My Mom’s Key Lime Pie has a great backstory. Back in the 1980s, she and my dad went to dinner at an old Austin restaurant and, for dessert, ordered Key Lime Pie. As they ate, they both agreed it was the best Key Lime Pie they’d ever had.
So the next day, my mom called the restaurant and asked for the recipe. The restaurant declined to give it out, but said the recipe was once featured in a cooking magazine. With two toddlers in tow, my mom tracked down that magazine at the Austin Public Library and quickly scribbled down a shorthand version in the back of her Joy of Cooking cookbook.
The binding of her old cookbook fell apart, but I saved the back page and have been making my version of that Key Lime Pie for years. I can’t wait for you to try it. And while I don’t want to totally oversell it, multiple friends have said this pie is literally “the best pie they have ever had.” I know my mom agrees! Would love to hear what you think, too!
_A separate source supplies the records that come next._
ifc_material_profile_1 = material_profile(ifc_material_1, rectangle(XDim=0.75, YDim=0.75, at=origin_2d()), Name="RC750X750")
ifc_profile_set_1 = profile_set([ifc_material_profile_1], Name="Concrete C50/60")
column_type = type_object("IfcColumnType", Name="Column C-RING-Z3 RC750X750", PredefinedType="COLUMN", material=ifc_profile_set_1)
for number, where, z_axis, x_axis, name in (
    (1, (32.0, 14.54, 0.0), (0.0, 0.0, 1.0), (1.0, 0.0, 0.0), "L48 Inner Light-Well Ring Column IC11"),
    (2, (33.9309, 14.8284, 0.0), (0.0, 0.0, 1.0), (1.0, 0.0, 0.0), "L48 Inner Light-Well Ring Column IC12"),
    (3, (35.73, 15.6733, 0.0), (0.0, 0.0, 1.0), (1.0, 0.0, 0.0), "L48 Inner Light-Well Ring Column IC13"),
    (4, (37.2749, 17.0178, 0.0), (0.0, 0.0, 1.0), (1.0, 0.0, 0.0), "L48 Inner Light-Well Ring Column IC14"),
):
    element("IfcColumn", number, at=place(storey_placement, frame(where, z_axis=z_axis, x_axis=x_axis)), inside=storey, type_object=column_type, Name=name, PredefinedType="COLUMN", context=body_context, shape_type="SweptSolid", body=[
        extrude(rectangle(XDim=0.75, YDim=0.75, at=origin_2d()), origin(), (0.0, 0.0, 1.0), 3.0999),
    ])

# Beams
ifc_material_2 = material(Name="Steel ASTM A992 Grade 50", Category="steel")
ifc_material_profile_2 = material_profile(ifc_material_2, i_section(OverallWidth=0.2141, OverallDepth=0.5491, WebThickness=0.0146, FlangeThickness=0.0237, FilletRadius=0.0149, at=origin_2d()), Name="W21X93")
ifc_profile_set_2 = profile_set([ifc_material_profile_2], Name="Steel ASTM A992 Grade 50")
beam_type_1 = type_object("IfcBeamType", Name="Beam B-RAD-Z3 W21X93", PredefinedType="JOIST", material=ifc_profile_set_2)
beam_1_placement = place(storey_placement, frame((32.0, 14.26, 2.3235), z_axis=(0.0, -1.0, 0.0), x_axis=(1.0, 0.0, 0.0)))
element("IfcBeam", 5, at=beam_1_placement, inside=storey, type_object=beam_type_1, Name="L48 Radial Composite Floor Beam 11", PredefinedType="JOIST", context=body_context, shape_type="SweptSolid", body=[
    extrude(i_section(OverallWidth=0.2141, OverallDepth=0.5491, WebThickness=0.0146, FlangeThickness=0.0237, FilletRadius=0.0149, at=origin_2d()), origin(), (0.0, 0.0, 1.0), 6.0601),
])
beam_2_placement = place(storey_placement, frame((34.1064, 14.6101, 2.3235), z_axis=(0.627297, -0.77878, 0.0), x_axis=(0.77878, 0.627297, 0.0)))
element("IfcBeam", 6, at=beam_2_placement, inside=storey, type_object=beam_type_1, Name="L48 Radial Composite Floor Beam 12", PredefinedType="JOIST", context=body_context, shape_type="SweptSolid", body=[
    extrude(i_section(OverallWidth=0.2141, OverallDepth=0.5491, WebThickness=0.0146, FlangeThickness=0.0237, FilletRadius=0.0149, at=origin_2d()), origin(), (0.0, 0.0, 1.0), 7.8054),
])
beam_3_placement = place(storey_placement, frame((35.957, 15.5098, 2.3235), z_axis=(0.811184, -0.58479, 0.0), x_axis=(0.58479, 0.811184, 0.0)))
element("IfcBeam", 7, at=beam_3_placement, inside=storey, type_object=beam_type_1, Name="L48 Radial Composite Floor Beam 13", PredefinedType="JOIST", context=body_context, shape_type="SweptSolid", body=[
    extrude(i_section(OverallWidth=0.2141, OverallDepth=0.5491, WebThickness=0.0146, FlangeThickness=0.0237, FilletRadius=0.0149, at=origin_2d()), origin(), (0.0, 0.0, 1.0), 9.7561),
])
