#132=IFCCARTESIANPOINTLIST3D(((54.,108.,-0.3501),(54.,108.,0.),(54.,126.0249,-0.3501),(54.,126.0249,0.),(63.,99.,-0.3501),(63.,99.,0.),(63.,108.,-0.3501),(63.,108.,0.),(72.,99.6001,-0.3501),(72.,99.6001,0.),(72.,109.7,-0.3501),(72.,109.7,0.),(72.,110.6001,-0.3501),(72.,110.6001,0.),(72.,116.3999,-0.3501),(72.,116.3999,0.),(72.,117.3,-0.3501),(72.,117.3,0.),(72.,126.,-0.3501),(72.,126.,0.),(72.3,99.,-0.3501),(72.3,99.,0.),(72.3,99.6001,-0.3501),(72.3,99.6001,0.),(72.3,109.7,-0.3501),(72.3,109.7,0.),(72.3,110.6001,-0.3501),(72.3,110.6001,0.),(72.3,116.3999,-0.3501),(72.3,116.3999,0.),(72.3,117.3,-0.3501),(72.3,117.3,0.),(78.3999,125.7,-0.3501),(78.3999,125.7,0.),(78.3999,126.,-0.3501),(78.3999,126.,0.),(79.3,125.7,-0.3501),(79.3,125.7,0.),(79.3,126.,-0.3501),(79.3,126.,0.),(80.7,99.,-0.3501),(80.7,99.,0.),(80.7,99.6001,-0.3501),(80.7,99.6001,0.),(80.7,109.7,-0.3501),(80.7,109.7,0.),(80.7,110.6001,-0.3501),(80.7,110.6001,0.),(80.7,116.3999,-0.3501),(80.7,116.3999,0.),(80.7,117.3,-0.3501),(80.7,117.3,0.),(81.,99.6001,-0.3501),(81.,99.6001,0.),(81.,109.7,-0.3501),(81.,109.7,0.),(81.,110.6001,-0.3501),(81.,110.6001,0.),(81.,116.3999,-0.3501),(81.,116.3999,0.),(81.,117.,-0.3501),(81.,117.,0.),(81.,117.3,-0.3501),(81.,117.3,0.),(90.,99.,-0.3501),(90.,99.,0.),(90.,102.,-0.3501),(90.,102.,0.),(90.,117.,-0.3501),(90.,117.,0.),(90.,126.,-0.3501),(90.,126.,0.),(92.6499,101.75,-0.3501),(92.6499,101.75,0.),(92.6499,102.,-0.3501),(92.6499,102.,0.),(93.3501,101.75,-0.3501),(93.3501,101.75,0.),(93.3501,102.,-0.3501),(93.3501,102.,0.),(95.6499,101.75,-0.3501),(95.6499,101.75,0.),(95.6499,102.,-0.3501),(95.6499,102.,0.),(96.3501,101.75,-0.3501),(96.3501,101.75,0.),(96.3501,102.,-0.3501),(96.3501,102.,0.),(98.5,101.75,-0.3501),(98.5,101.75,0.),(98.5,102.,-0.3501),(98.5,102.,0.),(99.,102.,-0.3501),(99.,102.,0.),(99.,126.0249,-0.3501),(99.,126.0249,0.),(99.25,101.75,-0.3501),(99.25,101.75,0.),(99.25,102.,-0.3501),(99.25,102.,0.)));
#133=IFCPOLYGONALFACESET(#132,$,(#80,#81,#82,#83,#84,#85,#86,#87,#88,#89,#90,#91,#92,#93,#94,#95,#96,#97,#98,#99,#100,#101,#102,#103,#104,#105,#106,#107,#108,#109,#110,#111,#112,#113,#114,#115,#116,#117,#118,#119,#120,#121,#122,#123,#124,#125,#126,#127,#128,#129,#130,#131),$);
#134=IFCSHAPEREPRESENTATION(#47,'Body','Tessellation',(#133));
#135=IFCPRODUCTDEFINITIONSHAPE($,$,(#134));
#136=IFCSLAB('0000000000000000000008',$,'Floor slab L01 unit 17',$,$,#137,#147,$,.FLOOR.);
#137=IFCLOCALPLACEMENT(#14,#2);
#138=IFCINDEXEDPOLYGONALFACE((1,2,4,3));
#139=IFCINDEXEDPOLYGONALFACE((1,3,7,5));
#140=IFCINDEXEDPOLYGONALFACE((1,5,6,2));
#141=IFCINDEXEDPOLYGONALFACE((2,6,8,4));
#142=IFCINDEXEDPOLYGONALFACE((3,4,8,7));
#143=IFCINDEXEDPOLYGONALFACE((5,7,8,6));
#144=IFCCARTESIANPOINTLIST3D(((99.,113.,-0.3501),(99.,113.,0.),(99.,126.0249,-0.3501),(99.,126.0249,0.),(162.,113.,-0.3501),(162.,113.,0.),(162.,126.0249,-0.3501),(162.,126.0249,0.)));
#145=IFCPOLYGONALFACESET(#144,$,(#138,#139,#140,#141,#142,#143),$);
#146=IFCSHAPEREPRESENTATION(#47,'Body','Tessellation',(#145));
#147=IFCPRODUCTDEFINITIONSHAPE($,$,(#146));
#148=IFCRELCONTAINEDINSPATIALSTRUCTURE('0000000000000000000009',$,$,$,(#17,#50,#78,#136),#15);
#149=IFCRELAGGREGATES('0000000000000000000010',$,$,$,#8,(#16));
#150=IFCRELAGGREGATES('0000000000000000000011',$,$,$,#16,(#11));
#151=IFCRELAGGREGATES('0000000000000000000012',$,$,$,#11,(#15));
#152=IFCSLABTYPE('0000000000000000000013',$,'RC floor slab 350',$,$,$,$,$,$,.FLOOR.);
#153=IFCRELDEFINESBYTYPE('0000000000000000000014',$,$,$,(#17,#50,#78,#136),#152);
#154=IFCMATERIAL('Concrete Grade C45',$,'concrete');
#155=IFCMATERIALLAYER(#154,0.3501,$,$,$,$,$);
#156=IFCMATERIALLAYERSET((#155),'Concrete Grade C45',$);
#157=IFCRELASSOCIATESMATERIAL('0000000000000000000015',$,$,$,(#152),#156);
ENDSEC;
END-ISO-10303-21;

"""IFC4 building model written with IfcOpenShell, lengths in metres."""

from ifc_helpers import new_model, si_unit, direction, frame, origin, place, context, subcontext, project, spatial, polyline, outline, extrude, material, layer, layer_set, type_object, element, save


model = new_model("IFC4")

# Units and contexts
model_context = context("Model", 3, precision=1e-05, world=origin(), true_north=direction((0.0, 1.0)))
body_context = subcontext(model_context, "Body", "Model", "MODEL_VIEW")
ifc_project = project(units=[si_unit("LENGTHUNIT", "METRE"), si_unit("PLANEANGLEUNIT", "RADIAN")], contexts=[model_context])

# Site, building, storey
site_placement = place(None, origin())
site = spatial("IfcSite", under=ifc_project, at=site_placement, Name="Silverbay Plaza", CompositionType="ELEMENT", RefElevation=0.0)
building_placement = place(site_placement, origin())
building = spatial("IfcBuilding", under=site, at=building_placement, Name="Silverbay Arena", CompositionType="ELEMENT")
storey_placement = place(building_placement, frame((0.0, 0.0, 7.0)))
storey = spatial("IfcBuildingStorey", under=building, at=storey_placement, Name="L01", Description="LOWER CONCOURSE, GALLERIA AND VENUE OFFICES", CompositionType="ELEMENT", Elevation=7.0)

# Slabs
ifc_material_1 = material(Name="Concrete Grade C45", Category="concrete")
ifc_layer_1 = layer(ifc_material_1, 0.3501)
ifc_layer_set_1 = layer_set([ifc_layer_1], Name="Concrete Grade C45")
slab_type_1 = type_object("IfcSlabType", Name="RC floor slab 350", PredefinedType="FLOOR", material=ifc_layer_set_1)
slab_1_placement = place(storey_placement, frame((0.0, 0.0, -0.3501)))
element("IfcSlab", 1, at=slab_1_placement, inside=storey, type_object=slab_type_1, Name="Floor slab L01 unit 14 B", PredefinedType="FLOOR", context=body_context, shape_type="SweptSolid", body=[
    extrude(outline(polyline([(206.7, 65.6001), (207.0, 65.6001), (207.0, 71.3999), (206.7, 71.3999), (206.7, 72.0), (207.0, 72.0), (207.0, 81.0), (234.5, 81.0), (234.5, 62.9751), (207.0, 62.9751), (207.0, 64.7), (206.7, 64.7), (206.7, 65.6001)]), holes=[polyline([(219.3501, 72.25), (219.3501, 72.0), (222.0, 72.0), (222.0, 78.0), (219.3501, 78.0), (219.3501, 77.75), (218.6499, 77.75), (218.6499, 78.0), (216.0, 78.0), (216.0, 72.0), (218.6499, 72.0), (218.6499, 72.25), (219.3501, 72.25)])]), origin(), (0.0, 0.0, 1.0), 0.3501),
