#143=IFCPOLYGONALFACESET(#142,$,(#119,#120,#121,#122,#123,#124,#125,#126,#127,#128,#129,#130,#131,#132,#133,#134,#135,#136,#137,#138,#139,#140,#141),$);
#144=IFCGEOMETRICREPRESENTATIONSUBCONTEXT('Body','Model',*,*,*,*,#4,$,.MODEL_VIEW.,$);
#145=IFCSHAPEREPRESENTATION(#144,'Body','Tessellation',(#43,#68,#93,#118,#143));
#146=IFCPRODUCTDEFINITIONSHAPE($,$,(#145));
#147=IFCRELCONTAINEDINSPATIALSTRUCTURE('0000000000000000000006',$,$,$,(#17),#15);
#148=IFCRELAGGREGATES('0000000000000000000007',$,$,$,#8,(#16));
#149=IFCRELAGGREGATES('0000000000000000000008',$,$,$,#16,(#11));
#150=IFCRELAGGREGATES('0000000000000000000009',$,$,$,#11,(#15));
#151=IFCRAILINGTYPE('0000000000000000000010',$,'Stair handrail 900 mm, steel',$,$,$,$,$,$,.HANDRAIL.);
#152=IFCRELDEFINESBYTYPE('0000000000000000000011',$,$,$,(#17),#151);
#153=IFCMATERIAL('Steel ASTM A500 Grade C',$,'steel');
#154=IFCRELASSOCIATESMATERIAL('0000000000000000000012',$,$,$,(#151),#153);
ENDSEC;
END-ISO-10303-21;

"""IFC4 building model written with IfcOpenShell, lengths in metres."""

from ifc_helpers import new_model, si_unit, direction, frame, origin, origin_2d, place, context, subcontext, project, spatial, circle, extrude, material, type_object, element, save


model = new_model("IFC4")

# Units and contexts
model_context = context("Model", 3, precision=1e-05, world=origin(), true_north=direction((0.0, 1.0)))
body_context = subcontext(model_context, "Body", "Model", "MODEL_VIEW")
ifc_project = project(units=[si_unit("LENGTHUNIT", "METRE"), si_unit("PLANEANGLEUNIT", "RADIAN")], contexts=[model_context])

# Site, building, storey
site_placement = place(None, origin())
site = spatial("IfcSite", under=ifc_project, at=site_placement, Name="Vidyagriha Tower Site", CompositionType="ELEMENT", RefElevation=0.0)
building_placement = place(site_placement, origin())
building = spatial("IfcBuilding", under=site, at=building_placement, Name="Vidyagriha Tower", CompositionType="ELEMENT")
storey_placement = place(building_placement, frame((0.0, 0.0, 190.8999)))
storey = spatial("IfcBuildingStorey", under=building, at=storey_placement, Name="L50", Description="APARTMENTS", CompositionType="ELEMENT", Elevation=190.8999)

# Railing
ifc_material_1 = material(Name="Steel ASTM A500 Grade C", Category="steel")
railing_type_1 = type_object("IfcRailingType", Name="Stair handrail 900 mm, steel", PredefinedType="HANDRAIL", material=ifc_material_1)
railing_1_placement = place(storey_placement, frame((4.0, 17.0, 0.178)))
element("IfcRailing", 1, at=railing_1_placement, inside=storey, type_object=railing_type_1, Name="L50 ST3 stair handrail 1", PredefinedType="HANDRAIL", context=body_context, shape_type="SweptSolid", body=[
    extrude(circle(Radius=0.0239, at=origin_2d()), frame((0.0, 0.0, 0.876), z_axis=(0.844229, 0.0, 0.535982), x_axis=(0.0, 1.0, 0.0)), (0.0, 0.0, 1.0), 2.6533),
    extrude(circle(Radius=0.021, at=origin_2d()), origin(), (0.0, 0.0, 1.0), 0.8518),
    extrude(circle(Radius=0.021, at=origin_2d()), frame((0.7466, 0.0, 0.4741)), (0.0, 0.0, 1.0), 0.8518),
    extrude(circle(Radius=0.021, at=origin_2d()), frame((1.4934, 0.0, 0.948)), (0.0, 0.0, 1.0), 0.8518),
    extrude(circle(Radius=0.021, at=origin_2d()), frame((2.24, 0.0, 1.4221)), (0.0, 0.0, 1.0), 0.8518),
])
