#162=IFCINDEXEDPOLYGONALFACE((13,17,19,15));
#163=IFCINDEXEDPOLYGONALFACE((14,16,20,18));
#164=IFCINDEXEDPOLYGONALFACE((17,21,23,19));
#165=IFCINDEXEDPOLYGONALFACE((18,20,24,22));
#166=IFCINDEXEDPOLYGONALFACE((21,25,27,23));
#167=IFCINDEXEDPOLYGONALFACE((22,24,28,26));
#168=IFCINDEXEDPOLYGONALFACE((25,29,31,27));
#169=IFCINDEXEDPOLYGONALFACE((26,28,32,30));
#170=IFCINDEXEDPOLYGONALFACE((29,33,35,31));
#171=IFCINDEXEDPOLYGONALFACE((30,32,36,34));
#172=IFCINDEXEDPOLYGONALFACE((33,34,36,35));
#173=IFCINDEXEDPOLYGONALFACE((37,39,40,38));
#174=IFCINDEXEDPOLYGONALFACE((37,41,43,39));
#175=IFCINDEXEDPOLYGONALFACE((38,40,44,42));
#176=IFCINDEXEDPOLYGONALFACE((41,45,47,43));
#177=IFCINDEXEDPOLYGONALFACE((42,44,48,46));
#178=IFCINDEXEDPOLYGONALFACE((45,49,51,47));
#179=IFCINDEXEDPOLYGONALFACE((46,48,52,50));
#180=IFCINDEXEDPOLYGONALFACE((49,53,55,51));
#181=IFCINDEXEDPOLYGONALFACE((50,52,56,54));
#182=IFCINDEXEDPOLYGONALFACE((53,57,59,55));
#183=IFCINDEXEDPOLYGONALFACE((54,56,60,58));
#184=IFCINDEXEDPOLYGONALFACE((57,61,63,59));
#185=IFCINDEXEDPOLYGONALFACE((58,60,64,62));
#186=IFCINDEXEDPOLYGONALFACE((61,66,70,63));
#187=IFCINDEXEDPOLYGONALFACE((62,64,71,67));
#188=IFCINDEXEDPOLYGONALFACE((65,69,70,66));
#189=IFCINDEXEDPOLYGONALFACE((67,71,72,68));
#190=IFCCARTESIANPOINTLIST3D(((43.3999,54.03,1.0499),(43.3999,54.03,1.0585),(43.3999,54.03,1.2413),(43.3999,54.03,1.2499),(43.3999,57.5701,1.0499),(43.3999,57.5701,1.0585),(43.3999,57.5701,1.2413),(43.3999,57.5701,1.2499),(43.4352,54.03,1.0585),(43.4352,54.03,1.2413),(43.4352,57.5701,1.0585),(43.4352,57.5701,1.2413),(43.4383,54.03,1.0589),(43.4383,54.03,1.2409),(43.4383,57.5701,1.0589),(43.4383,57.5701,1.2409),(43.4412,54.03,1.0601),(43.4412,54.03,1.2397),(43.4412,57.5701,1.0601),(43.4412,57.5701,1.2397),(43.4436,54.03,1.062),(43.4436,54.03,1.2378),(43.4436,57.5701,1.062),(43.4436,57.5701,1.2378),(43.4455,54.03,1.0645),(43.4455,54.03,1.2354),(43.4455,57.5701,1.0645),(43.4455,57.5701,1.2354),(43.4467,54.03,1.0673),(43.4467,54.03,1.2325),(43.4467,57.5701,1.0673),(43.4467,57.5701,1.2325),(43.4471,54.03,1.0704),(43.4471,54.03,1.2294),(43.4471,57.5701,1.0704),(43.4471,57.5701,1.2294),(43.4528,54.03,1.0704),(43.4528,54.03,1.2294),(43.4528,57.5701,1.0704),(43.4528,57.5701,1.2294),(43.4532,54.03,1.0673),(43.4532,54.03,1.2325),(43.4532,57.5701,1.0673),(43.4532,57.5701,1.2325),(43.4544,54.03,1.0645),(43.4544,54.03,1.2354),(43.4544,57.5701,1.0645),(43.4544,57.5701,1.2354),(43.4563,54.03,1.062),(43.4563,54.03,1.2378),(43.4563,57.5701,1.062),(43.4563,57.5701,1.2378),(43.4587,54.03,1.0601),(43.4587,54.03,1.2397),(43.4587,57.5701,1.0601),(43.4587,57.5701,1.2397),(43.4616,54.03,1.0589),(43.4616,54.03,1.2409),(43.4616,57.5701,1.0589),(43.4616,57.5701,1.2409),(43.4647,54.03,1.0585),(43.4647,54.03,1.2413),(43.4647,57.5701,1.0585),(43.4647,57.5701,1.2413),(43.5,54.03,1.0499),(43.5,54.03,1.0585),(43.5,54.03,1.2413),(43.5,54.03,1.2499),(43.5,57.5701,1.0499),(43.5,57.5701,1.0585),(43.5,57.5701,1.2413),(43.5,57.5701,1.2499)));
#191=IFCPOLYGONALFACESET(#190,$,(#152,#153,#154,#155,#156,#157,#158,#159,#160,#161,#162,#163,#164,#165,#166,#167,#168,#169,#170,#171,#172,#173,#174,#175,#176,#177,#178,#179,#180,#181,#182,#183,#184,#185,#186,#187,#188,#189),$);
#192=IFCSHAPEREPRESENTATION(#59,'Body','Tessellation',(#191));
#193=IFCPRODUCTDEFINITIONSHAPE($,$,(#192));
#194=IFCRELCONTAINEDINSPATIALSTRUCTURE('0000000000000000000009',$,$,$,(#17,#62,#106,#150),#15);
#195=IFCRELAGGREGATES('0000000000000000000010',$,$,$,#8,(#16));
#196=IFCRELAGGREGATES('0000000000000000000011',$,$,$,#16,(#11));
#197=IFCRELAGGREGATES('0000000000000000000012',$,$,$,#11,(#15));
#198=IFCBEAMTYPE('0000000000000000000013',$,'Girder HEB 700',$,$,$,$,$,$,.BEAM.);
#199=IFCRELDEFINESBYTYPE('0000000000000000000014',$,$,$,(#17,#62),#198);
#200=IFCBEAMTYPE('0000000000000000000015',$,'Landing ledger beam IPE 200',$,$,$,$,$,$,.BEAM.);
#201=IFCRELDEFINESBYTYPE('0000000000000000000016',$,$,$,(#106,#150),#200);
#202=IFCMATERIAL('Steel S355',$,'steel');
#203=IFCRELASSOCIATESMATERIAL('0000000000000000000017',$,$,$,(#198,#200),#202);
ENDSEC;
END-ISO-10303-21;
Looking for some other pie recipes? Check out our Coconut Cream Pie, Bourbon Pecan, Classic Pumpkin, Dutch Apple, or Peach & Blueberry. So many to choose from! Hope you enjoy!
2 Responses
Dad & Bec just made this pie. Decided to use the Graham Crackers (Digestives Biscuits down here) as the Base – too much effort to organize the pastry base. We had our own limes.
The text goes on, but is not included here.